I have gone into the subject of "language" before discussing the term "native speaker" because, as I have stated, the two are mutually interdependent. A native speaker is a type of speaker of a particular language, but our idea of what constitutes a language is dependent on assumptions about who is a native speaker of that language. The term "native", however, seems to be about as clear as the terms "language" or "dialect"; like St. Augustine's "time", "we understand it until we start to think about it" (Ellis, 1993:78).
3.1. Native and non-native
To talk about native and non-native speakers is to possess an assumption (or assumptions) about natives and non-natives per se. The terms themselves are perhaps unfortunate in a discussion of language, since the word "native", as its etymology suggests, implies birth into a specific community, or in a particular place, the two usually being regarded as identical. In fact, cases where being born in a particular place automatically entails membership of a specific community and knowledge of a particular language may well be the exception rather than the norm. It is fair to say that, at least up to the 1930's, someone born in a particular spot in the New Guinea Highlands was virtually certain to be a member of, say, the Mundugumor tribe, and would thus speak only their language, so it would be equally reasonable to call him or her "a native speaker of Mundugumor". Margaret Mead, on the other hand, would be a "non-native speaker of Mundugumor" (Mead, 1980). However, if we assume for the sake of argument that none of the Mundugumor learnt more than a few words of the neighbouring Arapesh or Tchambuli languages (and vice versa), the native/non-native issue only arrives on the scene with the first anthropologist.

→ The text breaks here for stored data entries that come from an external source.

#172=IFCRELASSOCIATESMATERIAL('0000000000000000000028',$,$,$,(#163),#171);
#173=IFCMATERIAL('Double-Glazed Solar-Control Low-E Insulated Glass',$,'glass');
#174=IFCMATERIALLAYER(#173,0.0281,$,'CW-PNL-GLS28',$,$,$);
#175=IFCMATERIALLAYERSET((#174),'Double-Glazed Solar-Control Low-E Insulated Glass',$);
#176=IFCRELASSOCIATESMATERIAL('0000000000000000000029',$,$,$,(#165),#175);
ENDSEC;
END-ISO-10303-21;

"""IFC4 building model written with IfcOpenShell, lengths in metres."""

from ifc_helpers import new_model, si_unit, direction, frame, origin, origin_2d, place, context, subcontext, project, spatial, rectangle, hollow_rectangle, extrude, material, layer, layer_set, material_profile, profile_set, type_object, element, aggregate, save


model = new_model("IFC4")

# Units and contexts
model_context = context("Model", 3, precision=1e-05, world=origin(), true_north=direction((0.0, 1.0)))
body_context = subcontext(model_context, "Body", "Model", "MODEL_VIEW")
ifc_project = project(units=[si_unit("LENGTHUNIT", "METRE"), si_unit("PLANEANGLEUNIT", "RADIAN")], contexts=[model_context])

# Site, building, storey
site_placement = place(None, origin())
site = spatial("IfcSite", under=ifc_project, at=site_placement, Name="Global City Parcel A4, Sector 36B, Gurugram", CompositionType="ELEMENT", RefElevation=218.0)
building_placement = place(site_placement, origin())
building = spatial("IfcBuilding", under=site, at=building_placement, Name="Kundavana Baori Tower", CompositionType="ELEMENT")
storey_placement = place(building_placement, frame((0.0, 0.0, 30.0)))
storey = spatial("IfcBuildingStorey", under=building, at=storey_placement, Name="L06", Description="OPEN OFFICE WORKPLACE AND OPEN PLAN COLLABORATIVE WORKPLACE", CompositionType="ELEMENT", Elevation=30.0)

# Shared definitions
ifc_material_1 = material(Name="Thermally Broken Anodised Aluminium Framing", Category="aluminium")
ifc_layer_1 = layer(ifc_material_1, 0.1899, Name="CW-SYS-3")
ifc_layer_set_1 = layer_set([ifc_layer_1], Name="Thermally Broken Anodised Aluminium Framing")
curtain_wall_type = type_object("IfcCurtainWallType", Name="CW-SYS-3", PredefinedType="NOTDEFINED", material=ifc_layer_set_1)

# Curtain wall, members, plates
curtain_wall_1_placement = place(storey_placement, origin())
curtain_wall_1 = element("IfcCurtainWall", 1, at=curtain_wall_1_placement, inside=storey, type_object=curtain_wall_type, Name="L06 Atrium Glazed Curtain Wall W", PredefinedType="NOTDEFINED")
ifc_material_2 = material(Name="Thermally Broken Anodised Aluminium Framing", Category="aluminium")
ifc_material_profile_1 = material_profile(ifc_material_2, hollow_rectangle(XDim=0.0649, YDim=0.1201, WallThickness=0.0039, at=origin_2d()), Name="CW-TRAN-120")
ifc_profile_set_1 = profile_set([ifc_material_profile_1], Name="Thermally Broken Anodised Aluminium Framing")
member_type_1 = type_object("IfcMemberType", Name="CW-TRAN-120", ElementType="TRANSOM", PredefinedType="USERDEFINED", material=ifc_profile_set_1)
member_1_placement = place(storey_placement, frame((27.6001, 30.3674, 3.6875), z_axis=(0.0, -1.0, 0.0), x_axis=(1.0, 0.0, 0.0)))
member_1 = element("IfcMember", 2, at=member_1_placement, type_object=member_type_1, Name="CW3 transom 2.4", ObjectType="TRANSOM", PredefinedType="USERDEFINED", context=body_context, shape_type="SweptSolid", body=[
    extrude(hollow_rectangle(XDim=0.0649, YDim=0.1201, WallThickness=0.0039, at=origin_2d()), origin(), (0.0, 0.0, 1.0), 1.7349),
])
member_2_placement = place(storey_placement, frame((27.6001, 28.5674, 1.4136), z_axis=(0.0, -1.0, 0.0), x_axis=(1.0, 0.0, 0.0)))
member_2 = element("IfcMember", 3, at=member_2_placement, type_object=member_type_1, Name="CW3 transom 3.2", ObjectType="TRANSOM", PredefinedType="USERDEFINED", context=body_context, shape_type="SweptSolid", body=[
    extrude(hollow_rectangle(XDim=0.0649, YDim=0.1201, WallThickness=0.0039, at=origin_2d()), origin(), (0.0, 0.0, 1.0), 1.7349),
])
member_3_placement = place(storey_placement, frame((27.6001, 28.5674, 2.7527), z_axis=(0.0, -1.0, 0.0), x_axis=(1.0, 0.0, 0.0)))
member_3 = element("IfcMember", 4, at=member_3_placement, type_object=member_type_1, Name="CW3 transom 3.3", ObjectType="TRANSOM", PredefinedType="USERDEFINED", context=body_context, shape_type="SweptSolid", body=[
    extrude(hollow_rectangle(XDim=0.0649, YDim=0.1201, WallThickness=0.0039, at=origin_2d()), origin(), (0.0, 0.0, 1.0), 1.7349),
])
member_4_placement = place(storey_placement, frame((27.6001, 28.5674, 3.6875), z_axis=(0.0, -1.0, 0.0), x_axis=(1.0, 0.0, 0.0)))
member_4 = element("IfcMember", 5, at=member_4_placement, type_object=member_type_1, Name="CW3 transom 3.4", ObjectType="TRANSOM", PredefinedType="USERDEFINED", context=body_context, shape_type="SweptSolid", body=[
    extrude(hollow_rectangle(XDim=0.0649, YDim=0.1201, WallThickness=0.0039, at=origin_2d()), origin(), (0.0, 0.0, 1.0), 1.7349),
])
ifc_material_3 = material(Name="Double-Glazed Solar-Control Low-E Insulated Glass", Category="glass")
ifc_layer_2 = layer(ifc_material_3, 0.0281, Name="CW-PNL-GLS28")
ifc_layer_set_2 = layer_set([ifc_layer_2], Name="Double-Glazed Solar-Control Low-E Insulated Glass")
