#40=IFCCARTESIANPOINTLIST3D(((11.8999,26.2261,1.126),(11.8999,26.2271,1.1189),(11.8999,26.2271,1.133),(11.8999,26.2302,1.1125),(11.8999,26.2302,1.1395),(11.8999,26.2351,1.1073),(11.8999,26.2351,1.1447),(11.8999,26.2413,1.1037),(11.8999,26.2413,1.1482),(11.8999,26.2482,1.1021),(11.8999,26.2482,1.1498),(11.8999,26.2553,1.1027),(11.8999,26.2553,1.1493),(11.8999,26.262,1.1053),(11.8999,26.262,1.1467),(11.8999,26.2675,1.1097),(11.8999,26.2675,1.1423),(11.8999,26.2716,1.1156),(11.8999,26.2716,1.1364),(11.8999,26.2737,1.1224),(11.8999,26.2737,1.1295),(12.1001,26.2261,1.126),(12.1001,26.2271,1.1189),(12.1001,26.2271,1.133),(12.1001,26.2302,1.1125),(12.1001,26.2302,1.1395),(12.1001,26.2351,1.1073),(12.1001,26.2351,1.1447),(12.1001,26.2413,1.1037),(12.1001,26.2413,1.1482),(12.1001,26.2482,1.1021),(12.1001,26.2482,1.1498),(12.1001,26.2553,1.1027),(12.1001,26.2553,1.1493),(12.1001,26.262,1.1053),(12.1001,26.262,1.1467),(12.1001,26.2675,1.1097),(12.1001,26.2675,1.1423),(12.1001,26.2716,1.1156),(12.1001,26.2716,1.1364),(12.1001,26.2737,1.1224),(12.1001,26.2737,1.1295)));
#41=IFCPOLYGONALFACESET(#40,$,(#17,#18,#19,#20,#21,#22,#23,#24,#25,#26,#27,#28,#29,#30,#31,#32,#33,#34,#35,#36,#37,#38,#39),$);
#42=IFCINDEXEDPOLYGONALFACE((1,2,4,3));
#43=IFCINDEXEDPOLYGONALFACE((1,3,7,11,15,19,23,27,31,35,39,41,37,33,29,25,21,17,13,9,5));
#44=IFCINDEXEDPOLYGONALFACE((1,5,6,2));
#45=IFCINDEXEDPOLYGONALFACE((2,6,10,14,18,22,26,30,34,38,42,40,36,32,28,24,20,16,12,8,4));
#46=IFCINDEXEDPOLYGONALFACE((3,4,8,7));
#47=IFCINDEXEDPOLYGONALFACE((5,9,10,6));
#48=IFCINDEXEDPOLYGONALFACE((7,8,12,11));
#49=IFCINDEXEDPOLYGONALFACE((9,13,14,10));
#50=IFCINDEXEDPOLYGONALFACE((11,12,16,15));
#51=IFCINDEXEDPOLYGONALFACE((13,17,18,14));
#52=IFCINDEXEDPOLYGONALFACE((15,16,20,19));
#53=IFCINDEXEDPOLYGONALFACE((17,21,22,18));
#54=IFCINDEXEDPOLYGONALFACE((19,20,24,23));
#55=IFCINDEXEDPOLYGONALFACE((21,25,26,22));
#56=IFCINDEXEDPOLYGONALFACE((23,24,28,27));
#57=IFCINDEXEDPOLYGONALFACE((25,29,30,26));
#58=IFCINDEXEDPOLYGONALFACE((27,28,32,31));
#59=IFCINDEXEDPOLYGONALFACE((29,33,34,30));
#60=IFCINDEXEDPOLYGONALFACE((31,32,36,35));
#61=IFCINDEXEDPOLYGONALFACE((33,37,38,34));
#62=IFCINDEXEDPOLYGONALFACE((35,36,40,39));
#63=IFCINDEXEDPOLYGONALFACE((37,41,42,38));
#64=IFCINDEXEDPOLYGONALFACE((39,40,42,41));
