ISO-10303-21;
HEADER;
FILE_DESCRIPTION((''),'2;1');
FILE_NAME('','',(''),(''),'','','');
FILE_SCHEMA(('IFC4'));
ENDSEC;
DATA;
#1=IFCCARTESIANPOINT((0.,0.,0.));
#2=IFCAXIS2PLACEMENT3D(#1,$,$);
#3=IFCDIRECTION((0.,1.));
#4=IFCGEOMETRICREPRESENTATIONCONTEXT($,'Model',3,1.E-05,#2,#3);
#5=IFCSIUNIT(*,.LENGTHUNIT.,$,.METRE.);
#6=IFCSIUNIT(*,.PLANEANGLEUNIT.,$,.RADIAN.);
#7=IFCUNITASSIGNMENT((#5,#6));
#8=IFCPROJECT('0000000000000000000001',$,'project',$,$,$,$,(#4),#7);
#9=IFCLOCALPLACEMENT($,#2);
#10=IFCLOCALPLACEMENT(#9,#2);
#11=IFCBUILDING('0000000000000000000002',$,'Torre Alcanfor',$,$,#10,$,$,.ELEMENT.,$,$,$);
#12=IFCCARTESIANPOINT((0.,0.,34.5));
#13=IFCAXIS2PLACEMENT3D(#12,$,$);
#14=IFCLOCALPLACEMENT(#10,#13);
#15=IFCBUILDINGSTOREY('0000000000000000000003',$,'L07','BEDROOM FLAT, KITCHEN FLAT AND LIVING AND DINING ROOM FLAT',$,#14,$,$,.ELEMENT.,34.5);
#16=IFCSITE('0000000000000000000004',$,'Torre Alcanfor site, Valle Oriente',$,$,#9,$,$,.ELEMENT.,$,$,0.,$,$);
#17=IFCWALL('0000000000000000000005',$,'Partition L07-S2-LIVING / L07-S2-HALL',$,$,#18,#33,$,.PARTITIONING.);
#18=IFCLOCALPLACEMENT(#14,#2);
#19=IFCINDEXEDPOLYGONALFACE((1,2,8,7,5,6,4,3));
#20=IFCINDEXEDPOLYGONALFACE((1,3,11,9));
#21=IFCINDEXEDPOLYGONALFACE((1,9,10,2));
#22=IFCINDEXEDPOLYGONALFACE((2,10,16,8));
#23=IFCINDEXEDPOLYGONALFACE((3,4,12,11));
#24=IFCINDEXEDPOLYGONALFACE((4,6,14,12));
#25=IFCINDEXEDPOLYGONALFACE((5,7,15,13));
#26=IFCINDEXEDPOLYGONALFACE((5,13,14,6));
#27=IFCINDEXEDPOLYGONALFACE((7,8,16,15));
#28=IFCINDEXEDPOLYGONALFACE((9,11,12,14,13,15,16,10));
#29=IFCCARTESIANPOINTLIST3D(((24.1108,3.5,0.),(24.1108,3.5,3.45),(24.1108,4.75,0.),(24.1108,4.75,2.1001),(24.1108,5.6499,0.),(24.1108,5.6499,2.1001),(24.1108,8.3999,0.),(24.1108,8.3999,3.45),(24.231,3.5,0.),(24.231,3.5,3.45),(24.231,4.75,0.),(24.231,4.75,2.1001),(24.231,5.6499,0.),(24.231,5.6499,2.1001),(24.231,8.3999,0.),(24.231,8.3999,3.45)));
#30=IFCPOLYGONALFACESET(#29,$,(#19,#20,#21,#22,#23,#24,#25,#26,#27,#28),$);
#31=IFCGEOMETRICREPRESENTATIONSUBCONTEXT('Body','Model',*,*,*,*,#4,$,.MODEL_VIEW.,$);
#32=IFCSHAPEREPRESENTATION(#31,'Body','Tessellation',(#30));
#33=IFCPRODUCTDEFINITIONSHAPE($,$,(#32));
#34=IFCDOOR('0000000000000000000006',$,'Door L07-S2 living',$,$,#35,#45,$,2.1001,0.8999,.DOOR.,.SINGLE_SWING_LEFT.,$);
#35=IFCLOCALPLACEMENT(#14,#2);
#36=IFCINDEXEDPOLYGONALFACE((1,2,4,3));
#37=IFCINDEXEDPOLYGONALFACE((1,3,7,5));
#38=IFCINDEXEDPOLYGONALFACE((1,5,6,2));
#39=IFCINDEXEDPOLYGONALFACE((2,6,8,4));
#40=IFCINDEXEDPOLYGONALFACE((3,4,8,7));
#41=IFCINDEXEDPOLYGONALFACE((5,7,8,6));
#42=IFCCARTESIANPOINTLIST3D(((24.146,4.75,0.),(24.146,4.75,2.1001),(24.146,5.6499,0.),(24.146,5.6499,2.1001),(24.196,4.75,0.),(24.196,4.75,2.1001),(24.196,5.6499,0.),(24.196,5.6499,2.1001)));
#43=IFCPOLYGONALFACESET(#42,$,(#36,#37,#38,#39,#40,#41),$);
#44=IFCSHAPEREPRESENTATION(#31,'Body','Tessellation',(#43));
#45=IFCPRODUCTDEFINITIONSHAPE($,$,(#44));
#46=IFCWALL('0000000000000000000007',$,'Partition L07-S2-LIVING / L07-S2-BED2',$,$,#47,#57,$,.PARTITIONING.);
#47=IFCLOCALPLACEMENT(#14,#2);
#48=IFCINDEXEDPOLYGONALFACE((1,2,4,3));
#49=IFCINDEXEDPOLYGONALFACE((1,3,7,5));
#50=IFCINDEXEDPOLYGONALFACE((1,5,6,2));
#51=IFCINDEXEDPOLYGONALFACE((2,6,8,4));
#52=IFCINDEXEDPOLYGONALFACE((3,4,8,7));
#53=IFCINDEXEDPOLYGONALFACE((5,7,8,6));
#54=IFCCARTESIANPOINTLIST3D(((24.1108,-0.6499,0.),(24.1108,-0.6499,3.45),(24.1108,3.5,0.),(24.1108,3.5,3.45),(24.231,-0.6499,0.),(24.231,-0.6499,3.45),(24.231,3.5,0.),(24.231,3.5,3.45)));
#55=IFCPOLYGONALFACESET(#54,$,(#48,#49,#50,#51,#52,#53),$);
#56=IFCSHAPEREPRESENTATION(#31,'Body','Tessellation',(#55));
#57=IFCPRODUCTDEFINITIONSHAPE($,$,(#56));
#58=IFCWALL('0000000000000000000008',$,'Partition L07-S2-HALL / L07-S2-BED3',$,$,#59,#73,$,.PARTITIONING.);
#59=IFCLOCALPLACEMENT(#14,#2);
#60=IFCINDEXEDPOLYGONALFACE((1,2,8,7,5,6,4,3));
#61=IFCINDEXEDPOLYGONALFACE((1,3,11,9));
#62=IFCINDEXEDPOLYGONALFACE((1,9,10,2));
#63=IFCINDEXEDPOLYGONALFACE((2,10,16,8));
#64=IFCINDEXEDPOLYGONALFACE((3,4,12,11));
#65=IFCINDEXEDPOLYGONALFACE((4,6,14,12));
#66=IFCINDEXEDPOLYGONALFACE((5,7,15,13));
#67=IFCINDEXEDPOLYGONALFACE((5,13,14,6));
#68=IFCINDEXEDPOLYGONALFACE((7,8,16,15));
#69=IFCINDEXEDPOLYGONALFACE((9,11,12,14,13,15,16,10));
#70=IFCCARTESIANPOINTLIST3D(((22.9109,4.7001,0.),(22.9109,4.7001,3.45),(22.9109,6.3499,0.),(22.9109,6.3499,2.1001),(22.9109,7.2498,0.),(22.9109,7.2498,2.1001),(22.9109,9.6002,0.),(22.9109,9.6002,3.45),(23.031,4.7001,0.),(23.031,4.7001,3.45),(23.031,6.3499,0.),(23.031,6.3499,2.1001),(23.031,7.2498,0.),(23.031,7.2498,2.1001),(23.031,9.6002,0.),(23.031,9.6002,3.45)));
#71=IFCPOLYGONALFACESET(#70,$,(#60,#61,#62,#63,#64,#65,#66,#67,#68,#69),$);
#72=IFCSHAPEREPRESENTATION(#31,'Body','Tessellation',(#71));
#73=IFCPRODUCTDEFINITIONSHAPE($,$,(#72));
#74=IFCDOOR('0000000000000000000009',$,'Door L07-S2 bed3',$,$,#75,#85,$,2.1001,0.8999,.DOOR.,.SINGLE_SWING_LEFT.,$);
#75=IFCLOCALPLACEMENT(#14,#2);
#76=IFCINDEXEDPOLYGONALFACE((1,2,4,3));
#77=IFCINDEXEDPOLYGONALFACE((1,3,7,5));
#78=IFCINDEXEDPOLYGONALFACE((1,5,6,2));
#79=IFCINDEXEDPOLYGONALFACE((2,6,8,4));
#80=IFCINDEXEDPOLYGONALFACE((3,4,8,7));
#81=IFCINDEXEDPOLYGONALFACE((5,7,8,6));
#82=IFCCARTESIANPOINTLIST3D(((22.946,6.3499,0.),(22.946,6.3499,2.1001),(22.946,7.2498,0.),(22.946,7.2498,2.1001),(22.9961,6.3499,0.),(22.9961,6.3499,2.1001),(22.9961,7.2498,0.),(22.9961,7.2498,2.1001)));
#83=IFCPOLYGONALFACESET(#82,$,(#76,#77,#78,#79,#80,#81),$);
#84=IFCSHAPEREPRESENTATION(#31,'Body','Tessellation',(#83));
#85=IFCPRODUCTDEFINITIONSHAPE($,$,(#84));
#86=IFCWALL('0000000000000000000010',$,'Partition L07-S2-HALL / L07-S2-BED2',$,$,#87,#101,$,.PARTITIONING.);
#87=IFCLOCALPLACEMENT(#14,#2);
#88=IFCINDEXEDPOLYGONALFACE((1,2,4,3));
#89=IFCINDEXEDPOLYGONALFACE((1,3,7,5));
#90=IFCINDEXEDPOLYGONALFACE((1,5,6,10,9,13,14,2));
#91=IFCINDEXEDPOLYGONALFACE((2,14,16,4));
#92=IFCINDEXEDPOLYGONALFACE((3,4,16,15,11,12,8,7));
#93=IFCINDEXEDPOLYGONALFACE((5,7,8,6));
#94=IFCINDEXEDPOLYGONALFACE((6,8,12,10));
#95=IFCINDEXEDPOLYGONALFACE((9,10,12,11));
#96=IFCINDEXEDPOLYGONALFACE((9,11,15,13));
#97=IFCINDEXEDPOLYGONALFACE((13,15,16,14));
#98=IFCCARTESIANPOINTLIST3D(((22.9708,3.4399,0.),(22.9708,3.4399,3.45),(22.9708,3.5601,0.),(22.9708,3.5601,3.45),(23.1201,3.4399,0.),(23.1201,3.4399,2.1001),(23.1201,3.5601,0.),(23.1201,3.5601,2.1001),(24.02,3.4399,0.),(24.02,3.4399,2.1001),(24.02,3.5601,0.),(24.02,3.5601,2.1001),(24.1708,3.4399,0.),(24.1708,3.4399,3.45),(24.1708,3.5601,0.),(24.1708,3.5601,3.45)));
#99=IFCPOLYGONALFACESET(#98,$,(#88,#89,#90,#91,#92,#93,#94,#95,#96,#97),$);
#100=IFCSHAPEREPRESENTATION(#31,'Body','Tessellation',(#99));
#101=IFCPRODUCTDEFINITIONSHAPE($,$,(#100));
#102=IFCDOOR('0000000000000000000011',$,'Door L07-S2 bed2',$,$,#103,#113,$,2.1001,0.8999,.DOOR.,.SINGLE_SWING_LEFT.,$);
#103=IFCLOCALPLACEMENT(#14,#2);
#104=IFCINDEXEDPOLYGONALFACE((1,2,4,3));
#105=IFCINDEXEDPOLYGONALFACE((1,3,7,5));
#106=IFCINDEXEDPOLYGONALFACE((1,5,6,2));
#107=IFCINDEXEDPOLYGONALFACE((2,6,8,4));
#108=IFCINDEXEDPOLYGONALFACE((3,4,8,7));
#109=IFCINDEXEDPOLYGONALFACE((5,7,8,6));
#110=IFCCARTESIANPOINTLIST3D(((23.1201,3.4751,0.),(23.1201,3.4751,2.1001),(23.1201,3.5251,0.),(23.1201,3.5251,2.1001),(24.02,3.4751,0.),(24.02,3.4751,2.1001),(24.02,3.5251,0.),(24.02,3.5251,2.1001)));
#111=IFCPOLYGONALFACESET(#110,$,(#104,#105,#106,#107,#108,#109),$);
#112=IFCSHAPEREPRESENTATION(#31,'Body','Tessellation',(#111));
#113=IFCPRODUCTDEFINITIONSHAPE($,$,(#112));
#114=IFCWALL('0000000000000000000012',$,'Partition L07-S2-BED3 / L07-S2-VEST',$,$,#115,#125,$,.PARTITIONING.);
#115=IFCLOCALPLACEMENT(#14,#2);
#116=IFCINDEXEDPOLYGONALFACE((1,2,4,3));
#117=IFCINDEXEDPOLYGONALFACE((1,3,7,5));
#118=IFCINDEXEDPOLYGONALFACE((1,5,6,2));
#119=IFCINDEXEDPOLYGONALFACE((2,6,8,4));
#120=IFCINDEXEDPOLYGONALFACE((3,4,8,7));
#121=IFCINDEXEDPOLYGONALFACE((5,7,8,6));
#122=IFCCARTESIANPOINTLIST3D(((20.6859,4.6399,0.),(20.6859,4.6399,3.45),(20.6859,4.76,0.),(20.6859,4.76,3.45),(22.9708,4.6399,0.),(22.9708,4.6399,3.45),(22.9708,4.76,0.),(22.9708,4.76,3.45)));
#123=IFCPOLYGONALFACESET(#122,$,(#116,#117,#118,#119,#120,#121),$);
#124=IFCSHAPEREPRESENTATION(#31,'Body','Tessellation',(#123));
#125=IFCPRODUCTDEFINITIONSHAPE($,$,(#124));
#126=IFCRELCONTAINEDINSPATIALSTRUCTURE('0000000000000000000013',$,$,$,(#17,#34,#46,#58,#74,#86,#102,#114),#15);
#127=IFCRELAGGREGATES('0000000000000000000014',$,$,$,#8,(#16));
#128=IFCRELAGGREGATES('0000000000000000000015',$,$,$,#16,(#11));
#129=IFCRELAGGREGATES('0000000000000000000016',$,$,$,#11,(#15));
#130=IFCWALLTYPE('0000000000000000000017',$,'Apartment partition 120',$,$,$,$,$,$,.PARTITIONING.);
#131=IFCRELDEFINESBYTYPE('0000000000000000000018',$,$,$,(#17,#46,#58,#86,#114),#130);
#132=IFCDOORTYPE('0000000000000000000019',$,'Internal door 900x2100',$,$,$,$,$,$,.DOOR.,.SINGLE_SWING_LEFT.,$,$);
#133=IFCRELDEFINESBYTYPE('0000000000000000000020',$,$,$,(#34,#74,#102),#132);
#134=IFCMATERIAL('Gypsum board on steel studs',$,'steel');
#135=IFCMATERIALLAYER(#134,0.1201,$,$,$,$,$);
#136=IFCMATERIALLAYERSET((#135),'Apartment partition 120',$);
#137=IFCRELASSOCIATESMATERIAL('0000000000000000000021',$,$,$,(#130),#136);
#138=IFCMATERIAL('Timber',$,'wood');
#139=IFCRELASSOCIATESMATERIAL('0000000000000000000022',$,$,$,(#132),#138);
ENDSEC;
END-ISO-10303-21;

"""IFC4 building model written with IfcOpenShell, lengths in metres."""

from ifc_helpers import new_model, si_unit, direction, frame, frame_2d, origin, place, context, subcontext, project, spatial, rectangle, extrude, material, layer, layer_set, type_object, element, fill, save


model = new_model("IFC4")

# Units and contexts
model_context = context("Model", 3, precision=1e-05, world=origin(), true_north=direction((0.0, 1.0)))
body_context = subcontext(model_context, "Body", "Model", "MODEL_VIEW")
ifc_project = project(units=[si_unit("LENGTHUNIT", "METRE"), si_unit("PLANEANGLEUNIT", "RADIAN")], contexts=[model_context])

# Site, building, storey
site_placement = place(None, origin())
site = spatial("IfcSite", under=ifc_project, at=site_placement, Name="Torre Alcanfor site, Valle Oriente", CompositionType="ELEMENT", RefElevation=0.0)
building_placement = place(site_placement, origin())
building = spatial("IfcBuilding", under=site, at=building_placement, Name="Torre Alcanfor", CompositionType="ELEMENT")
storey_placement = place(building_placement, frame((0.0, 0.0, 34.5)))
storey = spatial("IfcBuildingStorey", under=building, at=storey_placement, Name="L07", Description="BEDROOM FLAT, KITCHEN FLAT AND LIVING AND DINING ROOM FLAT", CompositionType="ELEMENT", Elevation=34.5)

# Shared definitions
ifc_material_1 = material(Name="Gypsum board on steel studs", Category="steel")
ifc_layer_1 = layer(ifc_material_1, 0.1201)
ifc_layer_set_1 = layer_set([ifc_layer_1], Name="Apartment partition 120")
wall_type = type_object("IfcWallType", Name="Apartment partition 120", PredefinedType="PARTITIONING", material=ifc_layer_set_1)

# Wall, opening, door
wall_1_placement = place(storey_placement, frame((24.1709, 3.5, 0.0), z_axis=(0.0, 0.0, 1.0), x_axis=(0.0, 1.0, 0.0)))
wall_1 = element("IfcWall", 1, at=wall_1_placement, inside=storey, type_object=wall_type, Name="Partition L07-S2-LIVING / L07-S2-HALL", PredefinedType="PARTITIONING", context=body_context, shape_type="SweptSolid", body=[
    extrude(rectangle(XDim=4.8999, YDim=0.1201, at=frame_2d((2.45, 0.0))), origin(), (0.0, 0.0, 1.0), 3.45),
])
opening_1_placement = place(wall_1_placement, frame((1.25, 0.0, 0.0)))
opening_1 = element("IfcOpeningElement", 2, at=opening_1_placement, cuts=wall_1, PredefinedType="OPENING", context=body_context, shape_type="SweptSolid", body=[
    extrude(rectangle(XDim=0.8999, YDim=2.1001, at=frame_2d((0.45, 1.05))), frame((0.0, 0.0701, 0.0), z_axis=(0.0, -1.0, 0.0), x_axis=(1.0, 0.0, 0.0)), (0.0, 0.0, 1.0), 0.1401),
])
ifc_material_2 = material(Name="Timber", Category="wood")
door_type = type_object("IfcDoorType", Name="Internal door 900x2100", OperationType="SINGLE_SWING_LEFT", PredefinedType="DOOR", material=ifc_material_2)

In most of the world, however, community does not equal territory and language does not equal either of these. Someone born in Wales may or may not regard him- or herself as Welsh, and may speak Welsh as a "first", "second" or sole language, or not at all (Grillo,1989:55-60,93-96). "Nativeness" is only a very rough and ready guide to "native speakerness".
3.2. "Hearth and home"; the "mother-tongue" debate
In bilingual or "diglossic" communities, the question of "mother-tongue" arises (for discussion of the terms "bilingual" and "diglossic", see Ferguson, 1959, Saville-Troicke, 1989:54, or Williams, 1996:104). In these contexts, "mother tongue" is used as a convenient reference for determining who is a native speaker of a particular language or dialect; it is usually taken to be the language a speaker heard as a child, normally uses at home, or both. However, problems arise here as elsewhere. Language loyalty is again a factor in perception of "mother-tongue", as Le Page and Tabouret-Keller point out:
In Singapore, because of the enormous importance attached by Chinese to the written language, "mother tongue" is used - quite arbitrarily - to refer to that spoken language (Mandarin) which is culturally most closely connected with written Chinese, regardless of the fact that most Singapore Chinese speak Hokkien or Teochew or Hakka or Cantonese or Hainanese, i.e. languages from the south of China. Even these are likely to be spoken in a mixed, Singaporean way (1985:189).
What "language" is actually spoken at home is by no means obvious, since code-switching applies at home as much as anywhere else; language domains are not rigid. The concept of domains (e.g. Fishman, 1972a) is another of those criteria which are useful so long as one remembers that they are merely research devices and does not assume that they are "real". It is true that different codes prevail in different environments, but that does not imply a definite boundary between them. For example, I generally speak English at work and Turkish at home, but code-switch regularly in both domains.
The mother-tongue debate also raises questions about the status of standardised languages. If the standard language (or dialect, if you prefer) is rarely spoken at home, can anyone really be said to be a native speaker of it? Even in cases where a particular vernacular has been taken as the standard for a nation (as in the case of Putonghua, where the Beijing dialect was taken as the standard for the whole of the PRC), this still leaves a relatively small proportion of the population having the standard version as their "mother-tongue", and once the dialect has been standardised, the local dialect may drift away from the standard version. In short, the "hearth and home" attitude exalts one domain at the expense of others, ignores code-switching, and confuses the issue of standard languages.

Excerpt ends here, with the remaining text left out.